Optimizing Transformations in Pentaho: Case Study
In my current role as an IT Analyst, I was tasked with verifying and correcting an automatic transformation in Pentaho.
Pentaho is a suite of business intelligence (BI) tools that enables companies to collect, integrate, visualize, and analyze data from various sources to make informed decisions. It offers a range of functionalities, including data integration, interactive and dynamic reporting, data analysis, dashboard creation and management, data mining, Big Data, among others.
The Challenge
The transformation I had to analyze and optimize consists of extracting data some databases and then inserting them into a single table in another specific database. At first glance, everything seems logical. However, the original workflow presented a critical problem:
- Query in three different databases.
- Deletion of all data from the target table.
- Insertion of data from the three previous queries into the target table.
This approach may seem reasonable, but it becomes problematic as the volume of data increases. Performing a DROP TABLE on every transformation execution (several times a day) can greatly impact the performance of a production database, especially if the table is used as a reference in crucial daily operations.
The Solution
To solve this problem, I restructured the transformation flow. The original flow was: SELECT -> INSERT. I modified it as follows:
- Select source table: A data selection is performed from the source table.
- Select target table: A data selection is performed from the target table.
- Sort rows: The rows obtained from the source table are sorted.
- Sort rows 2: The rows obtained from the target table are sorted.
- Stream lookup: A data lookup is performed between the two previously sorted sources (source and target). This step combines rows from both sources based on some common key, adding the key field of the source table with that of the target table.
- Filter rows: The rows resulting from the Stream lookup step are filtered. Depending on the specified condition, the rows will be split into two streams. This step filters out the records that are already inserted and those that are not (NULL).
- If they meet the condition (key field set to null), they will move on to the Select values step.
- If they do not meet the condition, they will move on to the Dummy (do nothing) step.
- Dummy (do nothing): This step does not perform any operation; it is a holding place for rows that do not meet the filter condition.
- Select values: Specific values are selected from the rows that met the filter condition.
- Insert into target table: The selected values are inserted into the target table.

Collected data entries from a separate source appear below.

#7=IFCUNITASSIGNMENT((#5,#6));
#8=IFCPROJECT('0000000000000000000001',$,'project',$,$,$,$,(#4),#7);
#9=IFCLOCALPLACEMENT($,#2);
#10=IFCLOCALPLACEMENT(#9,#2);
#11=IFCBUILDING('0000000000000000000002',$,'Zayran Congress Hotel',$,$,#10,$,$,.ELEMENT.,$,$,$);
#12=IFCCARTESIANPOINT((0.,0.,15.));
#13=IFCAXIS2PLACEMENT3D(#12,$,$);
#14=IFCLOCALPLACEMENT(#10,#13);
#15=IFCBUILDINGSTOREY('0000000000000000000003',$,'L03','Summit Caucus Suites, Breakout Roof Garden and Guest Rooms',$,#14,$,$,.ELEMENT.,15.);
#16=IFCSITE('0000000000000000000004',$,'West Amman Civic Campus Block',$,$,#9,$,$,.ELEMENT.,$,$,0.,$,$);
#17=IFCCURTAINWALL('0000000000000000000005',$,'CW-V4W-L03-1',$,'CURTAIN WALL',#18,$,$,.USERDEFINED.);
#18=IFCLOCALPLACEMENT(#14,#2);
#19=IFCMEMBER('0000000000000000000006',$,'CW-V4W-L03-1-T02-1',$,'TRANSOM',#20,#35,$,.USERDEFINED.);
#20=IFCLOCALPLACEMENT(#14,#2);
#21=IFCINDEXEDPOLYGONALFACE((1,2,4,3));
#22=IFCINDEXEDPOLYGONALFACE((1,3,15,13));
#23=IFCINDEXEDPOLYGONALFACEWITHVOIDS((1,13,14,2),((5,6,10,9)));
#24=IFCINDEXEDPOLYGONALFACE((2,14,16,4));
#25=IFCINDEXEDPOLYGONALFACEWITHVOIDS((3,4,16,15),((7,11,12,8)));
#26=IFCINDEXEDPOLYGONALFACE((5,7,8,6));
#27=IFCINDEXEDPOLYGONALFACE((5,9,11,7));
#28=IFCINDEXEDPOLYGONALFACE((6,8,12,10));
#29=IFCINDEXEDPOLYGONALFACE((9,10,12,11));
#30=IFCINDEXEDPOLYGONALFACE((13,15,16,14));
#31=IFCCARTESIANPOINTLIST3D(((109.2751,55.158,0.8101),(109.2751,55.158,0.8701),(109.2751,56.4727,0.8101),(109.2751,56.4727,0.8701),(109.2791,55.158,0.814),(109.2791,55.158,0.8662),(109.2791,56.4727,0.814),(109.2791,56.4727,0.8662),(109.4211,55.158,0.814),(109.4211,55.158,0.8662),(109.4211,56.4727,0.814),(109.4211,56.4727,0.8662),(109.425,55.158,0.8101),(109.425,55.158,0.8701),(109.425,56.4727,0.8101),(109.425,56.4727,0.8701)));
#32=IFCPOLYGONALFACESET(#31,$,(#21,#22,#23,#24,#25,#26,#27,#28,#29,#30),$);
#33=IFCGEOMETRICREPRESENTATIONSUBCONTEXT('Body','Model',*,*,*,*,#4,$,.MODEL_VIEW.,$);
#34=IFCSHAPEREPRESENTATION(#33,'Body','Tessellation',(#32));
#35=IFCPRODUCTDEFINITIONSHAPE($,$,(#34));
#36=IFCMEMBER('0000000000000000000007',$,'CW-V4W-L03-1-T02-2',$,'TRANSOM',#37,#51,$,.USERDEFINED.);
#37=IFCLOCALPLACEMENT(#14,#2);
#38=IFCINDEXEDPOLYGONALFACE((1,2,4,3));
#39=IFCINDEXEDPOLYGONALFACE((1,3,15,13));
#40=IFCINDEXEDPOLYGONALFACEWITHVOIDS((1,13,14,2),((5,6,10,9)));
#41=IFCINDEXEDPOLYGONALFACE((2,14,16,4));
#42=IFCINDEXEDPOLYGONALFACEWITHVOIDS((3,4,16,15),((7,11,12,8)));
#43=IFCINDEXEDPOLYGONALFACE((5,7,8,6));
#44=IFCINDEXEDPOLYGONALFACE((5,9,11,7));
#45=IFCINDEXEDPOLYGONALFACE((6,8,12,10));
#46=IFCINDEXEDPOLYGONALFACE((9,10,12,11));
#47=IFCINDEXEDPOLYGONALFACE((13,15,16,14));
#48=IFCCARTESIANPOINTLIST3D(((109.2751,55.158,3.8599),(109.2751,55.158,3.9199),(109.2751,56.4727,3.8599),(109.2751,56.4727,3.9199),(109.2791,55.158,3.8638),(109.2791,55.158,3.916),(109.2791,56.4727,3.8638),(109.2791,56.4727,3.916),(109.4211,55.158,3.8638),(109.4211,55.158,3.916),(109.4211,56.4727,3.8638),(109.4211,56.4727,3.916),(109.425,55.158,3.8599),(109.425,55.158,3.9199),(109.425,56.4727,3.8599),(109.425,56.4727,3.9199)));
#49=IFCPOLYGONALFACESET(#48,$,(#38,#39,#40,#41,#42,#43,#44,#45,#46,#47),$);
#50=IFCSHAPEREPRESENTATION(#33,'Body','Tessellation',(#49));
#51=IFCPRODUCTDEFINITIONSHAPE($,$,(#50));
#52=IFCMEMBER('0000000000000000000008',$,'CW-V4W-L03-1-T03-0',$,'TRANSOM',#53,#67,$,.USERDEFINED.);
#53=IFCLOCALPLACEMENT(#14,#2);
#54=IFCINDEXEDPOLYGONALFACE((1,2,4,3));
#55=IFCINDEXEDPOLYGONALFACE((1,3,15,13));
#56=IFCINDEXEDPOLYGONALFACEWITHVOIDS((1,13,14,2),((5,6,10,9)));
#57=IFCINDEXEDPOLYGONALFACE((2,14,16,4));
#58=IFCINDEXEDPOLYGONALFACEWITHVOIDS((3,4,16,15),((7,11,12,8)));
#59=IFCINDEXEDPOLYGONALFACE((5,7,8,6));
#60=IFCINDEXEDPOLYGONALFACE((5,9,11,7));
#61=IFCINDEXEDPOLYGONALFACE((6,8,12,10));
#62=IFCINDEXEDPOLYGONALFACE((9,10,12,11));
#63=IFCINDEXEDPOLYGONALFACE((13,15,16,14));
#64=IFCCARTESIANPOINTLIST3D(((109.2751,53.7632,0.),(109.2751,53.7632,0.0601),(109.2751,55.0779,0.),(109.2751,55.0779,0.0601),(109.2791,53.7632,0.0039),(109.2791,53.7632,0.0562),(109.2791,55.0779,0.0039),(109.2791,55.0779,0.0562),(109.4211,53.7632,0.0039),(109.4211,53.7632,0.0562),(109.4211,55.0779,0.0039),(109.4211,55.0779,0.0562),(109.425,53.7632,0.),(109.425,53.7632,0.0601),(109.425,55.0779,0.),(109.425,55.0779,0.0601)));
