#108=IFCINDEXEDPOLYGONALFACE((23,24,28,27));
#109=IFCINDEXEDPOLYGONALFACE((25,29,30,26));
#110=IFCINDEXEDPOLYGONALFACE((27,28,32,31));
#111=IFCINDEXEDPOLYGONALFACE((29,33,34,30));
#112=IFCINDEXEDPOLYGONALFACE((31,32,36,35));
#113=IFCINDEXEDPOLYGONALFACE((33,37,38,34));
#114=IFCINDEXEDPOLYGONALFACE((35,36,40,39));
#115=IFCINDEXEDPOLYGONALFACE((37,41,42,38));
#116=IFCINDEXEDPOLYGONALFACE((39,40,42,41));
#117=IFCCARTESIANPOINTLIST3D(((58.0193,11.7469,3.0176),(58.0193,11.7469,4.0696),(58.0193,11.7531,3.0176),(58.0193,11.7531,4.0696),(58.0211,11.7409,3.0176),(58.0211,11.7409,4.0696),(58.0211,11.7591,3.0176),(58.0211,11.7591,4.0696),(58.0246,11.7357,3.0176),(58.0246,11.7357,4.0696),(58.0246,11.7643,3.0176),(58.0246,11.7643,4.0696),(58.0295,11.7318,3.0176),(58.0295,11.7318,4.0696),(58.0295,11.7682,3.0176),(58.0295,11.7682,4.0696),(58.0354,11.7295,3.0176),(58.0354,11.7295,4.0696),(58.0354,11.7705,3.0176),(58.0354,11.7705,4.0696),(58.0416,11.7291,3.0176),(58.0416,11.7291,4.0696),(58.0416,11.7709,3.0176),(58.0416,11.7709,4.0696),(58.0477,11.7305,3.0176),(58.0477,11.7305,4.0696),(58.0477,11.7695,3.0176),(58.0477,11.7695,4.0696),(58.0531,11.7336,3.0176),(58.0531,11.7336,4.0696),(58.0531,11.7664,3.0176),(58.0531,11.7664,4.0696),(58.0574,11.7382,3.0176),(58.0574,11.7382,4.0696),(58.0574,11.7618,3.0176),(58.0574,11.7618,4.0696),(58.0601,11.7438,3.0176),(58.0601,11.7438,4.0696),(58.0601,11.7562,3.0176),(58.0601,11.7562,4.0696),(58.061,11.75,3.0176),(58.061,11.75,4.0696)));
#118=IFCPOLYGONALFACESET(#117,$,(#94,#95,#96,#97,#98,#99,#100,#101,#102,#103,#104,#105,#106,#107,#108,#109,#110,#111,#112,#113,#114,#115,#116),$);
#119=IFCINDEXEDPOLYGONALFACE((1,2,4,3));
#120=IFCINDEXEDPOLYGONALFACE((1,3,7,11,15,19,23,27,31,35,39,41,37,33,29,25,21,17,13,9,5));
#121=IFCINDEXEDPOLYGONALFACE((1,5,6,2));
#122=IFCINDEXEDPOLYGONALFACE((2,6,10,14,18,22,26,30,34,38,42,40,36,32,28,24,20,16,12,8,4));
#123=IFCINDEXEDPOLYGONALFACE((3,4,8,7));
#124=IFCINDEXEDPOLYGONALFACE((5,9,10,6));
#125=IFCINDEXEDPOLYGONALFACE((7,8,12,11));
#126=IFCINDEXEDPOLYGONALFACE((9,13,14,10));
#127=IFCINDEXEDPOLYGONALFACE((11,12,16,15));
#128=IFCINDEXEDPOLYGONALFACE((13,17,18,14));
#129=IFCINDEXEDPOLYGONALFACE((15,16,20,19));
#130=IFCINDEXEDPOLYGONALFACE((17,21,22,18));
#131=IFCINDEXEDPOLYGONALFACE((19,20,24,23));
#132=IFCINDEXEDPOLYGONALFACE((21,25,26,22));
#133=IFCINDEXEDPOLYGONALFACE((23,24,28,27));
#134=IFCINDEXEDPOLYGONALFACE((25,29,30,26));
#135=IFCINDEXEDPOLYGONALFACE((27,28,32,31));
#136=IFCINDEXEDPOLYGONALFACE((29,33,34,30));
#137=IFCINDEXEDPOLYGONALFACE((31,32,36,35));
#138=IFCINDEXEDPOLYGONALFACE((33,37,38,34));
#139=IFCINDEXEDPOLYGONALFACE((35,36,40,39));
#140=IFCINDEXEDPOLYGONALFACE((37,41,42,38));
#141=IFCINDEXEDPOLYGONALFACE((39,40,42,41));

This procedure ensures that only missing records are inserted into the target table, thus avoiding the need to do an unnecessary DROP on a production database table, which is used by various database processes (procedures, triggers, functions, etc.) in order to provide good service to customers and avoid negatively affecting the business.
Record Keeping
Also, what happens when you need to delete existing records in the target table that are no longer in the source table? The flow is similar to the one mentioned above, except that in step 5 the key field to compare in reverse is added and the last step is changed to a DELETE instead of an INSERT.
Conclusion
This optimization not only improves the performance and efficiency of the production database, but also ensures data integrity and system stability. It is a clear example of how a small modification in approach can have a significant impact on the performance and reliability of IT systems.